~90 min. Build a voltage divider that drops 5V to 3.3V using two resistors. Measure the actual output; compare to predicted.
Goal: build and verify a voltage divider; understand the math; build intuition for why this circuit is so common
Estimated time: 90 minutes
Prerequisites: lab 1.1 complete; familiar with Ohm's law
Steps
Step 1: Pick resistor values (15 min)
You want Vout = 5 × (R2 / (R1 + R2)) = 3.3 V. So R2 / (R1 + R2) = 0.66. One clean choice: R1 = 1 kΩ, R2 = 2 kΩ (= 3.3 / 5 × (1 + 2)). Verify: 2/(1+2) = 0.667; × 5 V = 3.33 V
If your kit doesn't have a 2 kΩ, use 2.2 kΩ. Output is 5 × 2.2/(1+2.2) = 3.44 V; close enough for the lab
Step 2: Build on the breadboard (20 min)
Wire +5 V supply (USB or batteries; ~5 V) to R1; R1 to a tie-strip (this is Vout); the same tie-strip through R2 to ground. Use color discipline (red for +; black for ground; yellow for Vout)
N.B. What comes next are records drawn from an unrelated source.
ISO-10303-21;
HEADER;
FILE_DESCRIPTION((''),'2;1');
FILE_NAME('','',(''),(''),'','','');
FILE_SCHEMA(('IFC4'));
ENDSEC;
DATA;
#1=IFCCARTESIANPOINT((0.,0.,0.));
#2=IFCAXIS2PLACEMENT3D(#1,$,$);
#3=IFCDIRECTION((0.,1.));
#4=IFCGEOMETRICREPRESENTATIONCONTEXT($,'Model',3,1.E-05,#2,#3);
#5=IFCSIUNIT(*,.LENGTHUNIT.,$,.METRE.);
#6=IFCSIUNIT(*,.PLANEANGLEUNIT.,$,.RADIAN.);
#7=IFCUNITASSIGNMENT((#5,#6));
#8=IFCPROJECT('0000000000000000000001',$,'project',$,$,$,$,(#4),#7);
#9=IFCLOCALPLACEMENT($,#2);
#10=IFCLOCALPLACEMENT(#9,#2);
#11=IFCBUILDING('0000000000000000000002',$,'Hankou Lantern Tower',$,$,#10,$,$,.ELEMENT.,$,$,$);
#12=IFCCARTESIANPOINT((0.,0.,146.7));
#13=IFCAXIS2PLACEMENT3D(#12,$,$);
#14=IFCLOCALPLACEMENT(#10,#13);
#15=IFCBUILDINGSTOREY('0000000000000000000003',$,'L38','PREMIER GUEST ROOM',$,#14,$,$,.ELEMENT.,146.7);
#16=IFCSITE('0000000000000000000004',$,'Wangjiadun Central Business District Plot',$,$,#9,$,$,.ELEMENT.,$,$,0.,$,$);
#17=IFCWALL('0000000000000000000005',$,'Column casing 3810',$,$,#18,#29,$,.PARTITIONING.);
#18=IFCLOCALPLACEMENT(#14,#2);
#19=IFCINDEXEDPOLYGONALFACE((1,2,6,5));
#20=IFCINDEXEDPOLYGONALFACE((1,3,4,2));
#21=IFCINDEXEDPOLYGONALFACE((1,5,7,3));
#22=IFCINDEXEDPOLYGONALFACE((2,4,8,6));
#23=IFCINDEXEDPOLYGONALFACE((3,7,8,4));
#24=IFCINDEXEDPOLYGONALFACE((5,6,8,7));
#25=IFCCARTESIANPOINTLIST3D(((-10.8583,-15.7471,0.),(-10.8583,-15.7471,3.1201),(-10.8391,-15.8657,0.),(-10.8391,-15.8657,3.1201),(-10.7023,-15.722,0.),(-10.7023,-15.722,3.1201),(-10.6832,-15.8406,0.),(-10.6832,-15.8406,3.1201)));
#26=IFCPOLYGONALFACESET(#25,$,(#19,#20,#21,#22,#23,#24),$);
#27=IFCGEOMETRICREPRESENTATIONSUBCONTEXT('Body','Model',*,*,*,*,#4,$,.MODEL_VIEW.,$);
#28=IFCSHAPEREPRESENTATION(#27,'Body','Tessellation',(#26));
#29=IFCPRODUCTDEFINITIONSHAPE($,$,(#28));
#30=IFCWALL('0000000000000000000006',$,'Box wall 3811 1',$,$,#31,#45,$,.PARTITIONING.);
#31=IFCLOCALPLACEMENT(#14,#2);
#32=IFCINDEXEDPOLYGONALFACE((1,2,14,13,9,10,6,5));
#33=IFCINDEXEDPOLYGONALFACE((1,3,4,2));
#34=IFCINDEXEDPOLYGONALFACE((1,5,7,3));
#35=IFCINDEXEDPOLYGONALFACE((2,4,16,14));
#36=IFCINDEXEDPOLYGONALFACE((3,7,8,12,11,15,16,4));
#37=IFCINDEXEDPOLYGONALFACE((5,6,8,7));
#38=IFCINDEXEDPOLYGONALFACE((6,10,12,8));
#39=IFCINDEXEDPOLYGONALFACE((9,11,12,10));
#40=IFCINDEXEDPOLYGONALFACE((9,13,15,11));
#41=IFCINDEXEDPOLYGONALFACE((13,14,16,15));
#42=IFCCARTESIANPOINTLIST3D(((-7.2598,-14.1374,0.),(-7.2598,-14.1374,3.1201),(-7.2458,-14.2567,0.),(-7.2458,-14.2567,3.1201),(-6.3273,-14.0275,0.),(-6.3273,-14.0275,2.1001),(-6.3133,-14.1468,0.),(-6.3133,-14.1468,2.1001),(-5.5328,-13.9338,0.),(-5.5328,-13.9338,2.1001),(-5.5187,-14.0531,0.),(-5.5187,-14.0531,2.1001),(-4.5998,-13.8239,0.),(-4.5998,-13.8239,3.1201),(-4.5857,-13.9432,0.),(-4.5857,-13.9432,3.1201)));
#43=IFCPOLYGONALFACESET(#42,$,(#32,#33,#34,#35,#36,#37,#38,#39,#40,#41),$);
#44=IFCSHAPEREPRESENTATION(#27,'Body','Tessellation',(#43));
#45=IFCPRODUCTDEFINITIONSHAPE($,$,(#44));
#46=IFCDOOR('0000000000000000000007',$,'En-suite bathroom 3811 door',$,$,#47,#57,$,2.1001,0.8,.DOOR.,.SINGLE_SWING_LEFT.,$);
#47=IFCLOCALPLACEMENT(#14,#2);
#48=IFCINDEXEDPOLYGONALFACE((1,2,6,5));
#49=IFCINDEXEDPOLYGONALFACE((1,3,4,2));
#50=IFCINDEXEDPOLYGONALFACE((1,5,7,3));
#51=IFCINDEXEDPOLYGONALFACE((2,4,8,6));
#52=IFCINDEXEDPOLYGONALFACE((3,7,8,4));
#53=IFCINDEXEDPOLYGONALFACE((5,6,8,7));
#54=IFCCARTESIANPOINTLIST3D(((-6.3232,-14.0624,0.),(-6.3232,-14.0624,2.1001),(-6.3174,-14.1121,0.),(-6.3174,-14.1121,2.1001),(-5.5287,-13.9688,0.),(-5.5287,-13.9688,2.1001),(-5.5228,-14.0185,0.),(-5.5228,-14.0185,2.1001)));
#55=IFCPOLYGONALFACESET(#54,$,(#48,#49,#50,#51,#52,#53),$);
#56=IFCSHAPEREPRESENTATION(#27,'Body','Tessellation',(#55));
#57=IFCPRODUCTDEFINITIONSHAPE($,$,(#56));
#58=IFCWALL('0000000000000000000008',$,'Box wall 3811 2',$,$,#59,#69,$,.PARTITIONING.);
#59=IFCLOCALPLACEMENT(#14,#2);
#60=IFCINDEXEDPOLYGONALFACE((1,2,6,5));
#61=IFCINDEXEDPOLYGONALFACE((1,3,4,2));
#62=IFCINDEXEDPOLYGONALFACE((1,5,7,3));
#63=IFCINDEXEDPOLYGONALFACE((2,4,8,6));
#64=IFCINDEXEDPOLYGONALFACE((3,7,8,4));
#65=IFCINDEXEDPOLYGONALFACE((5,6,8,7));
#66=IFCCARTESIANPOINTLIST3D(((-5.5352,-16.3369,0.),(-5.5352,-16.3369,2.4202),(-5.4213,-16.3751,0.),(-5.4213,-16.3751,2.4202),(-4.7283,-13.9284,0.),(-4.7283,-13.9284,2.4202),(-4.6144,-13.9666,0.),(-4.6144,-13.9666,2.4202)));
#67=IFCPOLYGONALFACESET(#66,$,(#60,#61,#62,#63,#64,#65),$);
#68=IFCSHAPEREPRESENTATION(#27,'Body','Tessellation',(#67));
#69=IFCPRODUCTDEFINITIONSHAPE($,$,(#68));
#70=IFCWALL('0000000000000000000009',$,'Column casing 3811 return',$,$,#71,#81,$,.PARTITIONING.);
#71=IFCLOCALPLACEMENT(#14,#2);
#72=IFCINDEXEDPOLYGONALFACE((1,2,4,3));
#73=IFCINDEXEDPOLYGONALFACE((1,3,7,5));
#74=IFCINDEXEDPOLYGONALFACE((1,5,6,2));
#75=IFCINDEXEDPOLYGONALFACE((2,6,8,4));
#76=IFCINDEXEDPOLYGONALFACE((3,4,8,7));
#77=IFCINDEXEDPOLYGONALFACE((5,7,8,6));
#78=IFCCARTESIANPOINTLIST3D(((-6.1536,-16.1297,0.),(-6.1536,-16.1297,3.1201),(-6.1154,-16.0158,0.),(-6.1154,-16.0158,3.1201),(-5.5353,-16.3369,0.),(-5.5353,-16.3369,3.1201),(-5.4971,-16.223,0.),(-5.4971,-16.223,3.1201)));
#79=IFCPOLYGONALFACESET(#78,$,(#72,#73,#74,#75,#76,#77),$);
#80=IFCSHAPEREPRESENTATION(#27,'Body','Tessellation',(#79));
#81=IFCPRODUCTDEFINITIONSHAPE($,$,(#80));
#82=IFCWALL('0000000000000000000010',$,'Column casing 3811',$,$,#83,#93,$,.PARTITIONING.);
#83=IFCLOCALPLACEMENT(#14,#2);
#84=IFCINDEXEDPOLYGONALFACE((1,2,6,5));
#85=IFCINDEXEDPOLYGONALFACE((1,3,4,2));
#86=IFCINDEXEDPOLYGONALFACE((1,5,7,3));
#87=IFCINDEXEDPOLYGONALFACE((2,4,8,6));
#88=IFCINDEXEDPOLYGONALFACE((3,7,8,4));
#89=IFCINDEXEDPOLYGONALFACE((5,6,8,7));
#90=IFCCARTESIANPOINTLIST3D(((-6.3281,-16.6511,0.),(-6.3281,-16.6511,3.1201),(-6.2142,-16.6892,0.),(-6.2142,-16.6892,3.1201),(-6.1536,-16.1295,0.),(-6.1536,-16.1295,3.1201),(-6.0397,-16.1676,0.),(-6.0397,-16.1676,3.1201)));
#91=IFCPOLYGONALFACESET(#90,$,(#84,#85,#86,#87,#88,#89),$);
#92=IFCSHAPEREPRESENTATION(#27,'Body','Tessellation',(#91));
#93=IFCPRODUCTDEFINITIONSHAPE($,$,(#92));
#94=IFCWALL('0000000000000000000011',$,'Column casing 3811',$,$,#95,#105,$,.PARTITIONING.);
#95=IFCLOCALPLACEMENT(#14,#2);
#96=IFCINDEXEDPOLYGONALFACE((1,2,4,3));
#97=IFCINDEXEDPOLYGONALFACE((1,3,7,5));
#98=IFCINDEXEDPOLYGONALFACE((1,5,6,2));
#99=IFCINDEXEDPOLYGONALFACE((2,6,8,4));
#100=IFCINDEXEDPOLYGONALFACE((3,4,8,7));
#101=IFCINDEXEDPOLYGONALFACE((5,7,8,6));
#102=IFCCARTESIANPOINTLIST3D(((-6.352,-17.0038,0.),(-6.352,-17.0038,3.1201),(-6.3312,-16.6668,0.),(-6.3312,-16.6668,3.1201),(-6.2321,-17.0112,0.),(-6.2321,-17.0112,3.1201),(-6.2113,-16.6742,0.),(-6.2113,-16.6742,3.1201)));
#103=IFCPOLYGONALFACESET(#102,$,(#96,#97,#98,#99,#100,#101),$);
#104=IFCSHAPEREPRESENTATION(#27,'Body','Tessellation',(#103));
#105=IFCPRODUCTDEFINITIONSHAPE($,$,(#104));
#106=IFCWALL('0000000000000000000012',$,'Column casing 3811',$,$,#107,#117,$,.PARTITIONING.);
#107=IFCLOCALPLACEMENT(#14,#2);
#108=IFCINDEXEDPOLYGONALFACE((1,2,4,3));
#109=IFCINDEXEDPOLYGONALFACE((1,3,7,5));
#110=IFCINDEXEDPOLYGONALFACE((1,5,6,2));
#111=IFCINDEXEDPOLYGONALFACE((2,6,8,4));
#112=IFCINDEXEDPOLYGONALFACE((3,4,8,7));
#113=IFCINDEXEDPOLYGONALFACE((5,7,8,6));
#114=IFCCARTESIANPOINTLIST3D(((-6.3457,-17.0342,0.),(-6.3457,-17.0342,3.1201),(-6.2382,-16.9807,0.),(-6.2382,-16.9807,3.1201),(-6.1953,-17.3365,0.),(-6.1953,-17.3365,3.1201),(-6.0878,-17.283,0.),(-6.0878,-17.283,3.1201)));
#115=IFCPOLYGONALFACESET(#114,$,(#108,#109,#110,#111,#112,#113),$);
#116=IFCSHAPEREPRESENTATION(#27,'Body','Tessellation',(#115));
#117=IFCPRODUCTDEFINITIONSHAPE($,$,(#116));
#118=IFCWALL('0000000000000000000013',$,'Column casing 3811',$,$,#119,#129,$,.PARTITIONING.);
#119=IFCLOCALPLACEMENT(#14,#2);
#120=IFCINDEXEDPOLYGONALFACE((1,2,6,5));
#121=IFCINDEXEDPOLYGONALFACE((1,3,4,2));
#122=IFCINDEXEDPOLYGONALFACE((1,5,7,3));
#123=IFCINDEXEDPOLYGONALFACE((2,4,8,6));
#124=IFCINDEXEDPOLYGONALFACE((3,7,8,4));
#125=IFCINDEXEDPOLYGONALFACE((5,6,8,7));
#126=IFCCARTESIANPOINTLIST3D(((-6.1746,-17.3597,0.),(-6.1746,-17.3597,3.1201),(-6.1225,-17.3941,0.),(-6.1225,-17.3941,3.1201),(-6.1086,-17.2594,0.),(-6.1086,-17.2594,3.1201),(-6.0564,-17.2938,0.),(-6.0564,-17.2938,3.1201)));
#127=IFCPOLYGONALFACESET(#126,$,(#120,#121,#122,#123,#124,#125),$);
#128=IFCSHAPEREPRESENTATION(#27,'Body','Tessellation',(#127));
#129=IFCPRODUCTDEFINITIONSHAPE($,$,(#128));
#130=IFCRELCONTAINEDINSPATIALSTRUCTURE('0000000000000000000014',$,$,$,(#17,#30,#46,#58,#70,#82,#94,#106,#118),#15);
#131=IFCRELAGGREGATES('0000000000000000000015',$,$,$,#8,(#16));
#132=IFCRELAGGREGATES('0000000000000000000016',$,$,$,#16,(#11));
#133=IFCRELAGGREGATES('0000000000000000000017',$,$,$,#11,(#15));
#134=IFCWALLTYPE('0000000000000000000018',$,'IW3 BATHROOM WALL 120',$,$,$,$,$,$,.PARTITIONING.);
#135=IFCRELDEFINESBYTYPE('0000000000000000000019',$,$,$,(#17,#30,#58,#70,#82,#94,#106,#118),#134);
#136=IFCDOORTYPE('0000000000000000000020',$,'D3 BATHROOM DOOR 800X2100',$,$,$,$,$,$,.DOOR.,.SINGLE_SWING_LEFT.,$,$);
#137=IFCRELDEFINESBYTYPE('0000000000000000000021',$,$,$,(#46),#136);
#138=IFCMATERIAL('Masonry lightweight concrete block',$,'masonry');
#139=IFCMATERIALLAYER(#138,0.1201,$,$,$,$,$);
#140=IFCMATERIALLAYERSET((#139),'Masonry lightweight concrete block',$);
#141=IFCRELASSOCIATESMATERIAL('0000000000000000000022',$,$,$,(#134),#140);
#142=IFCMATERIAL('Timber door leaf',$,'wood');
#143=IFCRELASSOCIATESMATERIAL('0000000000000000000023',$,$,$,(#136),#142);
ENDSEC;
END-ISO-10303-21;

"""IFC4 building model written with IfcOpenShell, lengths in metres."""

from ifc_helpers import new_model, si_unit, direction, frame, frame_2d, origin, place, context, subcontext, project, spatial, rectangle, extrude, material, layer, layer_set, type_object, element, fill, save


model = new_model("IFC4")

# Units and contexts
model_context = context("Model", 3, precision=1e-05, world=origin(), true_north=direction((0.0, 1.0)))
body_context = subcontext(model_context, "Body", "Model", "MODEL_VIEW")
ifc_project = project(units=[si_unit("LENGTHUNIT", "METRE"), si_unit("PLANEANGLEUNIT", "RADIAN")], contexts=[model_context])

# Site, building, storey
site_placement = place(None, origin())
site = spatial("IfcSite", under=ifc_project, at=site_placement, Name="Wangjiadun Central Business District Plot", CompositionType="ELEMENT", RefElevation=0.0)
building_placement = place(site_placement, origin())
building = spatial("IfcBuilding", under=site, at=building_placement, Name="Hankou Lantern Tower", CompositionType="ELEMENT")
storey_placement = place(building_placement, frame((0.0, 0.0, 146.7)))
storey = spatial("IfcBuildingStorey", under=building, at=storey_placement, Name="L38", Description="PREMIER GUEST ROOM", CompositionType="ELEMENT", Elevation=146.7)

# Shared definitions
ifc_material_1 = material(Name="Masonry lightweight concrete block", Category="masonry")
ifc_layer_1 = layer(ifc_material_1, 0.1201)
ifc_layer_set_1 = layer_set([ifc_layer_1], Name="Masonry lightweight concrete block")
wall_type_1 = type_object("IfcWallType", Name="IW3 BATHROOM WALL 120", PredefinedType="PARTITIONING", material=ifc_layer_set_1)
ifc_material_2 = material(Name="Timber door leaf", Category="wood")
door_type = type_object("IfcDoorType", Name="D3 BATHROOM DOOR 800X2100", OperationType="SINGLE_SWING_LEFT", PredefinedType="DOOR", material=ifc_material_2)

# Wall
wall_1_placement = place(storey_placement, frame((-10.6926, -15.7812, 0.0), z_axis=(0.0, 0.0, 1.0), x_axis=(-0.987257, -0.159135, 0.0)))
element("IfcWall", 1, at=wall_1_placement, inside=storey, type_object=wall_type_1, Name="Column casing 3810", PredefinedType="PARTITIONING", context=body_context, shape_type="SweptSolid", body=[
    extrude(rectangle(XDim=0.158, YDim=0.1201, at=frame_2d((0.0791, 0.0))), origin(), (0.0, 0.0, 1.0), 3.1201),
])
Step 3: Measure Vout (10 min)
Set the multimeter to DC voltage. Probe Vout to ground. Note the reading. Compare to your predicted 3.33 V. The difference is mostly resistor tolerance (±5% typical)
Step 4: Measure current through the divider (15 min)
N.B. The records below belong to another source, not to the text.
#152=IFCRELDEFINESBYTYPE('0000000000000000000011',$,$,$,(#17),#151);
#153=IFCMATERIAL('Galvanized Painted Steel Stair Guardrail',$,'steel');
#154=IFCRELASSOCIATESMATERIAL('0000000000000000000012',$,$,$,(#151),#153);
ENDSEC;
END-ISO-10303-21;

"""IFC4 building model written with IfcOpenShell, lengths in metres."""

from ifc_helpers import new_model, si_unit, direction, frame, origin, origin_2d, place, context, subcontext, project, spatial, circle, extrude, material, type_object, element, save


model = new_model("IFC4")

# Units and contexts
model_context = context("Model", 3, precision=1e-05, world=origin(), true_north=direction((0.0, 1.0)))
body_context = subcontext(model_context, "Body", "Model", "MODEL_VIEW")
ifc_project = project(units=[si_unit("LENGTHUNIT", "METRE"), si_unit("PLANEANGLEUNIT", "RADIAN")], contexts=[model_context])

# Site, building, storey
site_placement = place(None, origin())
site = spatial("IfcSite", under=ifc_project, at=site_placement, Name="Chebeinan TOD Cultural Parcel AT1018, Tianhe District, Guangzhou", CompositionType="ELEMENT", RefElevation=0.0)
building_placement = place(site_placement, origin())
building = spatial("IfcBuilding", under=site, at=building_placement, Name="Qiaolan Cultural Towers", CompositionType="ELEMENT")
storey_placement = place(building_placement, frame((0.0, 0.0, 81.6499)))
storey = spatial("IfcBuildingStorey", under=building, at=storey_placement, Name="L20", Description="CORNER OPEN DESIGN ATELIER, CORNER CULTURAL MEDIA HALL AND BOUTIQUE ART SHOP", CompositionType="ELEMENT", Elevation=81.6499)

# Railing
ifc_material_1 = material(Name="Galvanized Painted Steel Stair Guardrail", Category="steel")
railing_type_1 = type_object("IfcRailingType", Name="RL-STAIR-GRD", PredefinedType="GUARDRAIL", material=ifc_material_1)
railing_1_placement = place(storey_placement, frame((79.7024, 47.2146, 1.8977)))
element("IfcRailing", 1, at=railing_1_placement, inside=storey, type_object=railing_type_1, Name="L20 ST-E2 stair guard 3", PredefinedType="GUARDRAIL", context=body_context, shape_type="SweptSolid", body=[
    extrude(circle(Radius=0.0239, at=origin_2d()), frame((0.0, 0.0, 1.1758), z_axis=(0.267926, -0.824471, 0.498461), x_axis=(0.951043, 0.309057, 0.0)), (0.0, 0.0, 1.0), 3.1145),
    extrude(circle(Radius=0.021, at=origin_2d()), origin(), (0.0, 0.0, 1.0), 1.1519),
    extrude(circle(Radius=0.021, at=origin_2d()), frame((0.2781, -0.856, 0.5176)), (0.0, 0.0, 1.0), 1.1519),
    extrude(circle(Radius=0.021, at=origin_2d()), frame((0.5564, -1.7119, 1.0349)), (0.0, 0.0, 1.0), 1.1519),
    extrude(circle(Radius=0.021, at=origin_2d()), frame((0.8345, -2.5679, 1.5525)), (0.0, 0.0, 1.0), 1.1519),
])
Break the circuit between R1 and R2. Insert the meter in series. Current should be ~1.67 mA (5 V / 3 kΩ). Record. Higher-current dividers waste more power; lower-current dividers are more sensitive to loading
Step 5: Add a "load" and see Vout change (20 min)
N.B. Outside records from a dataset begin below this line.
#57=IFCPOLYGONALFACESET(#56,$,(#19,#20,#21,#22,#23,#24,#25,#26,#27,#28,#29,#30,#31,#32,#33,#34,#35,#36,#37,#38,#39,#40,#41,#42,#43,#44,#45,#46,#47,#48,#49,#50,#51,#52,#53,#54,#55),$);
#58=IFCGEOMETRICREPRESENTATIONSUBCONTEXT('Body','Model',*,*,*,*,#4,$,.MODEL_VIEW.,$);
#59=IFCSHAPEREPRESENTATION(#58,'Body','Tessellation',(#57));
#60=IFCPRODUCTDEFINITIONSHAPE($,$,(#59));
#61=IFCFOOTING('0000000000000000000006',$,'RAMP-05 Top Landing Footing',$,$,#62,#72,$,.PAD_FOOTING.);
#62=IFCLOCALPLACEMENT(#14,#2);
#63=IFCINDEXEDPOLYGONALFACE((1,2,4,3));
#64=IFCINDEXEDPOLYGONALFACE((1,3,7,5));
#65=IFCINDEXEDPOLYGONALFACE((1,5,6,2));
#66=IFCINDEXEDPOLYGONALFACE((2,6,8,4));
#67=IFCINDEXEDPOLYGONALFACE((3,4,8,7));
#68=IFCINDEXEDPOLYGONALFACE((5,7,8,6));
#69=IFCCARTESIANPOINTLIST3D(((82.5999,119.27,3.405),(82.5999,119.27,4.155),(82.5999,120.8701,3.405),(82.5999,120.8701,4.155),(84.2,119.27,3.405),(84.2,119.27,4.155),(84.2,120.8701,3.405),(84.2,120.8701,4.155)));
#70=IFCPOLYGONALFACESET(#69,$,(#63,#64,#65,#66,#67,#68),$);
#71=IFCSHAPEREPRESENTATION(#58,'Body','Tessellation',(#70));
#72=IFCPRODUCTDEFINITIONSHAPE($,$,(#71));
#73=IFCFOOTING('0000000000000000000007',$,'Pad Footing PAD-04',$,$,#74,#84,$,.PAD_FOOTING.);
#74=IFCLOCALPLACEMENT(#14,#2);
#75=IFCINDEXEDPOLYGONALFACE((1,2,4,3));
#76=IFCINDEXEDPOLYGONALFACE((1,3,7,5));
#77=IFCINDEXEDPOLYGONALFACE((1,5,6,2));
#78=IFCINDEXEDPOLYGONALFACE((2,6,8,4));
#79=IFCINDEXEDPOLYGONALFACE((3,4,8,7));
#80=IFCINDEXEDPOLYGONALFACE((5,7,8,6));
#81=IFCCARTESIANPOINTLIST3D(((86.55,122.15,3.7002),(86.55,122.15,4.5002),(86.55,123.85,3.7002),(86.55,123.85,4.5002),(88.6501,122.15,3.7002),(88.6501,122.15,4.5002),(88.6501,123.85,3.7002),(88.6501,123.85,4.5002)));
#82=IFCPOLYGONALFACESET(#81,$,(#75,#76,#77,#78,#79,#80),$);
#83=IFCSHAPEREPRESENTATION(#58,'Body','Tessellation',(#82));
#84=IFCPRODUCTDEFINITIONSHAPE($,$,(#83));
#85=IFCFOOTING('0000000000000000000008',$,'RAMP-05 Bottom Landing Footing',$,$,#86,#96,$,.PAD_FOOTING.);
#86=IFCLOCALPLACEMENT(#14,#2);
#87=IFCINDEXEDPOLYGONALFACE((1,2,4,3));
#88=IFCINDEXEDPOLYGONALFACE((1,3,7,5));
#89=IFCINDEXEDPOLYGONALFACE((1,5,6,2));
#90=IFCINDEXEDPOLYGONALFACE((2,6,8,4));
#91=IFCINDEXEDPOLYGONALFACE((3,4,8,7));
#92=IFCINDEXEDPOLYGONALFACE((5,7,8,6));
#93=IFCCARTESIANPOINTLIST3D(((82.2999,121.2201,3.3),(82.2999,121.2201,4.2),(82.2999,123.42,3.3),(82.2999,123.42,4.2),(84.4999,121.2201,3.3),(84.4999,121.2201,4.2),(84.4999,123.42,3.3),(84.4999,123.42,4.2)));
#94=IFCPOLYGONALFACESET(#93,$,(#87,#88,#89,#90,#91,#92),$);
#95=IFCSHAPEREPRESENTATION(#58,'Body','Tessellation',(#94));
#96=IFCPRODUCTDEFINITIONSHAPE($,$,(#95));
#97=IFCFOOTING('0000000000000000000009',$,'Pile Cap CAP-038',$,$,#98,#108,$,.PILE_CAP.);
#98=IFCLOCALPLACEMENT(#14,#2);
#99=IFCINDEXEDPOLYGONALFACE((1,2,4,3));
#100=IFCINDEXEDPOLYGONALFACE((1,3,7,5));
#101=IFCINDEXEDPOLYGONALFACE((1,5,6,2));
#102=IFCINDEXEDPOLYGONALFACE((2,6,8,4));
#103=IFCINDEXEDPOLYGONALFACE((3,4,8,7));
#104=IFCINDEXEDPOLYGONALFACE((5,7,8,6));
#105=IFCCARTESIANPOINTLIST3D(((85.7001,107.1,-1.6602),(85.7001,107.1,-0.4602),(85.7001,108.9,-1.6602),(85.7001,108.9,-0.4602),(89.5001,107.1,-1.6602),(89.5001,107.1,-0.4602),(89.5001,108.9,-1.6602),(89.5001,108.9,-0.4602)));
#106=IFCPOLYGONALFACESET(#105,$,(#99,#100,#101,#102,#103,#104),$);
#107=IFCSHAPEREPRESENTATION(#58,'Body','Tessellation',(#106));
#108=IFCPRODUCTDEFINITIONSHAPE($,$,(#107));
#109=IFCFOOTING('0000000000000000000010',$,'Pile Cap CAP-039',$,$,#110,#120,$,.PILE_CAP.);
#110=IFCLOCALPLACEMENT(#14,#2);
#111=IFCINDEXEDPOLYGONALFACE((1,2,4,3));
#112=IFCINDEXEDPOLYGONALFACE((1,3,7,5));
Connect a 10 kΩ resistor (or your kit's LED with a current-limit resistor) from Vout to ground. This is a "load" on the divider's output. Measure Vout again. Notice it has dropped. Why: the load is now in parallel with R2, lowering the effective R2 and dropping the output
This is the "stiffness" concept: a divider built with smaller resistors is "stiffer" (less affected by loads); a divider built with larger resistors is more efficient (lower current) but less stiff
Step 6: Document (10 min)
In your lab notebook: record the resistor values you used; the predicted Vout; the measured Vout (no load and with load); the current through the divider; one sentence on what "stiffness" means in this context
Expected output
- Working voltage divider on the breadboard
- Measured vs predicted Vout (within 5%)
- Observation of the loading effect
Common pitfalls
- Mixing up R1 and R2 in the formula: R2 is the bottom resistor (between Vout and ground). Vout = Vin × R2 / (R1 + R2). Getting this backward gives you Vin × R1 / (R1+R2), which is also a valid divider but with the opposite ratio
- Power supply that is not actually 5 V: a USB cable from a laptop might supply 4.8-5.2 V depending on the laptop's regulation. Measure your actual supply first; then predict Vout from the actual Vin
Stretch (optional)
- Build a three-resistor divider with two tap points (e.g., 5 V → 3.3 V → 1.65 V). Verify both Vouts
- Try a divider where R1 is a fixed resistor and R2 is a potentiometer. Turning the pot varies Vout from 0 to (almost) Vin. This is how a volume knob works
Lab 2.1 v0.1. The voltage divider returns in every analog circuit you read for the rest of your career.